Engine versions
- Node:
14.21.3
- MongoDB:
4.4, 5.0, 6.0
- Apps-Engine:
1.43.0
What’s New
We've enhanced our security features with end-to-end encryption (E2EE) updates, including async key distribution, and disabled unnecessary menu items for encrypted messages. E2EE is currently in beta, but we’re still busy adding features and making adjustments, so stay tuned! Additionally, our UI got a boost with improved message readability, a new "Pending Users" tab, and better LDAP sync performance.
Minor Changes
-
(#32471) Removed "Unknown media type" errors on the client side by using
application/octet-stream
as a fallback media type (MIME type) for all files -
(#31859) Introduced the use of the
API_User_Limit
setting to limit amount of members to simultaneously auto-join a room in a team -
(#32551) Implement E2EE warning callouts letting users know that encrypted messages can't be searched and auditted on search contextual bar and audit panel.
-
(#32446) Added E2EE room setup header, with just limited functionality and room actions.
-
(#32552) Fixed an issue that would not allow the user to dismiss the closeToSeatsLimit banner for old workspaces
-
(#31987) Implemented a new "Pending Users" tab on the users page to list users who have not yet been activated and/or have not logged in for the first time.

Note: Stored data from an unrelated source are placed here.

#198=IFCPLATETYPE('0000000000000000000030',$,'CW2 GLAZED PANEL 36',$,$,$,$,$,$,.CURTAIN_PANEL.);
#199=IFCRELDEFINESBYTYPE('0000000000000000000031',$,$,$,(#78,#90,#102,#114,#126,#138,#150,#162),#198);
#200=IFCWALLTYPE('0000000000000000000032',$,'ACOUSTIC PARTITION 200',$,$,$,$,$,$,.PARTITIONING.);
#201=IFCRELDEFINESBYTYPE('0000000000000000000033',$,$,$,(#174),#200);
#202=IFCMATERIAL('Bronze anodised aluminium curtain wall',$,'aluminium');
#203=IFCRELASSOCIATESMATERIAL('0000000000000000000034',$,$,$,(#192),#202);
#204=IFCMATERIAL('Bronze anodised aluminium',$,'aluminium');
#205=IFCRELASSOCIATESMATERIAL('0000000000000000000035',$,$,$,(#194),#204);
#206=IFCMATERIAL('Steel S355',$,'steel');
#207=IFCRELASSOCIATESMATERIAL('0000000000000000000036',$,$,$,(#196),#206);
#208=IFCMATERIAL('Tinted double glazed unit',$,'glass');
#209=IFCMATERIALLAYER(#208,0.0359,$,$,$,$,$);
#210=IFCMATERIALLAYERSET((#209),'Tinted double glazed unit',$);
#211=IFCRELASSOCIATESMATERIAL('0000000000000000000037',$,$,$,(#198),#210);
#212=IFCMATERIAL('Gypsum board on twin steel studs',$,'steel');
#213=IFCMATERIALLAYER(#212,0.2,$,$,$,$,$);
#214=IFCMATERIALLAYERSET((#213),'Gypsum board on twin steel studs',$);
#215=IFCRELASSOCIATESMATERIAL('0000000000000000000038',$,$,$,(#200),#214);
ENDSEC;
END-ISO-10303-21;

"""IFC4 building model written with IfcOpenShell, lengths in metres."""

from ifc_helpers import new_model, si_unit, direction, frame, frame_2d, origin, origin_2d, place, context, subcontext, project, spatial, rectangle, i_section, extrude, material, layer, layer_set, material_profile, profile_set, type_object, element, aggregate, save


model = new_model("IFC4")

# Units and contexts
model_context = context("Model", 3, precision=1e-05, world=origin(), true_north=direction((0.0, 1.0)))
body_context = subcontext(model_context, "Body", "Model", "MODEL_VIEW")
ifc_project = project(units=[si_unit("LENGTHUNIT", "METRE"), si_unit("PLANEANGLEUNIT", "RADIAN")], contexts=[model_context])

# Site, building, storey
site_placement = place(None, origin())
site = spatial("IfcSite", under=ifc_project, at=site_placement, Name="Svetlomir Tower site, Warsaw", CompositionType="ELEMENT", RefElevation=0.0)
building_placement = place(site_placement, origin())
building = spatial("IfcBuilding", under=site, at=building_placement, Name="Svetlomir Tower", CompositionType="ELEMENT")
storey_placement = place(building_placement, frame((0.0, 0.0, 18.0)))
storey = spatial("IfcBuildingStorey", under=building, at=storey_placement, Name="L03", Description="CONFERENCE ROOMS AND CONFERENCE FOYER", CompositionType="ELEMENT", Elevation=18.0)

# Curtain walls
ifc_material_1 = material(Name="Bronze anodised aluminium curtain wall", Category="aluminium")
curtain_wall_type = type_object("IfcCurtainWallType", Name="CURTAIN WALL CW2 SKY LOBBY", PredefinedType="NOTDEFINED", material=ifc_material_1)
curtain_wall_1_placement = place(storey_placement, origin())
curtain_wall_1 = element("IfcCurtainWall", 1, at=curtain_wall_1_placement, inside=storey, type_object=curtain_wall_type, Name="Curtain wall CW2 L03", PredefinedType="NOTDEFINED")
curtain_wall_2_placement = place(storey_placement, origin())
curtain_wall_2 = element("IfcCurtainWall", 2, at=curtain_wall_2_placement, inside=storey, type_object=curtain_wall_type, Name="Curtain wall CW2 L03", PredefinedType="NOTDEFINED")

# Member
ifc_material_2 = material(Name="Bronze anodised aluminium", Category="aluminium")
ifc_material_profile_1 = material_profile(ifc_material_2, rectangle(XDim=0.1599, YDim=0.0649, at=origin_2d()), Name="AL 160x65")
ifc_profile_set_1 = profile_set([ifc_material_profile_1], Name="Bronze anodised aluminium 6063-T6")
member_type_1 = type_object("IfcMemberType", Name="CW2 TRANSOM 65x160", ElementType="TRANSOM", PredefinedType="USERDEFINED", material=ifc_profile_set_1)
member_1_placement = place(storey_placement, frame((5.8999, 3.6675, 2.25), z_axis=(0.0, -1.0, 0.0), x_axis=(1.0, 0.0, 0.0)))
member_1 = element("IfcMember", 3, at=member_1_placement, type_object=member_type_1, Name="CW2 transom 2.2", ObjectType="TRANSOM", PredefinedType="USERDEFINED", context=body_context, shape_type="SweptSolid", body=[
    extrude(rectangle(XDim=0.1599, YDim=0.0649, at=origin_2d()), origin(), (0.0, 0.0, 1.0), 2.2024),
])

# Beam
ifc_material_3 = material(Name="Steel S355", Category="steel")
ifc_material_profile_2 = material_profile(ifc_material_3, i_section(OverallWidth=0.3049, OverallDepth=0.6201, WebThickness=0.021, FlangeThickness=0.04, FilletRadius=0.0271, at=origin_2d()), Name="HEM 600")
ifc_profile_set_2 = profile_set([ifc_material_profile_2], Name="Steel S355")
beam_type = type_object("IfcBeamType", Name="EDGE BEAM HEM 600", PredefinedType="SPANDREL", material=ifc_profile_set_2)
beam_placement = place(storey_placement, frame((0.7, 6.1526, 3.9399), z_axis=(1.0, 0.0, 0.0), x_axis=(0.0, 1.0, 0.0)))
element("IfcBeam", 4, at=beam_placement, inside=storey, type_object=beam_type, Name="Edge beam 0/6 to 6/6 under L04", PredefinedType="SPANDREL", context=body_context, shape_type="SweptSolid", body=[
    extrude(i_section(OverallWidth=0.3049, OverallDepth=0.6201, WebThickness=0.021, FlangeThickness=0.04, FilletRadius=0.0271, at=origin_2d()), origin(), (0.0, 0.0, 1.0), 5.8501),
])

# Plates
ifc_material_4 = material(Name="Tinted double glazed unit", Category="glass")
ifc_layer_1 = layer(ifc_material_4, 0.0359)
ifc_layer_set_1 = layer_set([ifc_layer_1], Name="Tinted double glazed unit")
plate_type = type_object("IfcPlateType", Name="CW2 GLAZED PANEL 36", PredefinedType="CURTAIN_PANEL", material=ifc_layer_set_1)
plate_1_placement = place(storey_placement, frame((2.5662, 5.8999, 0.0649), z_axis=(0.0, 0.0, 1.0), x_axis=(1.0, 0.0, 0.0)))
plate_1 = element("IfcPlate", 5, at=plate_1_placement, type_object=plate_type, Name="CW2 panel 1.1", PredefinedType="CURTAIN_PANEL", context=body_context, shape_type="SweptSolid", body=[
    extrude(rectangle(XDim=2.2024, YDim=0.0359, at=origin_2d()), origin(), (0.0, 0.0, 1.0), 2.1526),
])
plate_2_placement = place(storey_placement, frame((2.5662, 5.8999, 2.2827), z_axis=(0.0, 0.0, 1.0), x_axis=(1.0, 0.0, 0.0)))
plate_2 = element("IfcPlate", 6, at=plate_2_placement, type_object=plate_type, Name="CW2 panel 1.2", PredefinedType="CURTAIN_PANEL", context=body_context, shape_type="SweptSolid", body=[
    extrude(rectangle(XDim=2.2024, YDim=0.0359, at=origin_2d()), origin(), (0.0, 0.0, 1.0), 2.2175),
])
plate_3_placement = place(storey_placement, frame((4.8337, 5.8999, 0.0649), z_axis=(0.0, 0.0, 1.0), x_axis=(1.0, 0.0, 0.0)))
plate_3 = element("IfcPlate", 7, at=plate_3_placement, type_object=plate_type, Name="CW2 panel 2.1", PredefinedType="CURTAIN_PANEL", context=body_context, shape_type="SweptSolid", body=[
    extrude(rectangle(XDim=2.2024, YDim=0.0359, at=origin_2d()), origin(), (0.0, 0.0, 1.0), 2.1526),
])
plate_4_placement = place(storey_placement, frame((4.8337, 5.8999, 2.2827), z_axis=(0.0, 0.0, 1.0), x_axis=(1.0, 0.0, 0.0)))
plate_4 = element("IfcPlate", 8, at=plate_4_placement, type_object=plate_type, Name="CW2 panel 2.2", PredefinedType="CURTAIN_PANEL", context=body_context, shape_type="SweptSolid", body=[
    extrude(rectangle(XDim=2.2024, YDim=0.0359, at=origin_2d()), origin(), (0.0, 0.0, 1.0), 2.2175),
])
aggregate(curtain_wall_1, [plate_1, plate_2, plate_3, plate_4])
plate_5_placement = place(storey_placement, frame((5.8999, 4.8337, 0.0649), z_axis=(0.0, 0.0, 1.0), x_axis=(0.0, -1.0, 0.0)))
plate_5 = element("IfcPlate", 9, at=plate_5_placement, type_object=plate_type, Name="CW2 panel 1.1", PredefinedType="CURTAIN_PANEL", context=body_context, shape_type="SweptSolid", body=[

Additionally, added a "Pending Action" column to aid administrators in identifying necessary actions for each user. Incorporated a "Reason for Joining" field
into the user info contextual bar, along with a callout for exceeding the seats cap in the users page header. Finally, introduced a new logic to disable user creation buttons upon surpassing the seats cap. -
(#32316) Support encrypted files on end-to-end encrypted rooms.
-
(#32436) Added a "LDAP group validation strategy" setting to LDAP channels and roles sync in order to enable faster syncs
-
(#32605) Moves the quotes to be on top of the message for better readability
-
(#32197) Async End-to-End Encrypted rooms key distribution process. Users now don't need to be online to get the keys of their subscribed encrypted rooms, the key distribution process is now async and users can recieve keys even when they are not online.
-
(#32559) Disable "Reply in direct message", "Copy link" and "Forward message" message menu items for encrypted messages as they don't apply to encrypted messages and also disable apps menu items and show a warning.
-
(#32040) Introduced a new setting which doesn't allow users to access encrypted rooms until E2EE is configured and also doesn't allow users to send un-encrypted messages in encrypted rooms.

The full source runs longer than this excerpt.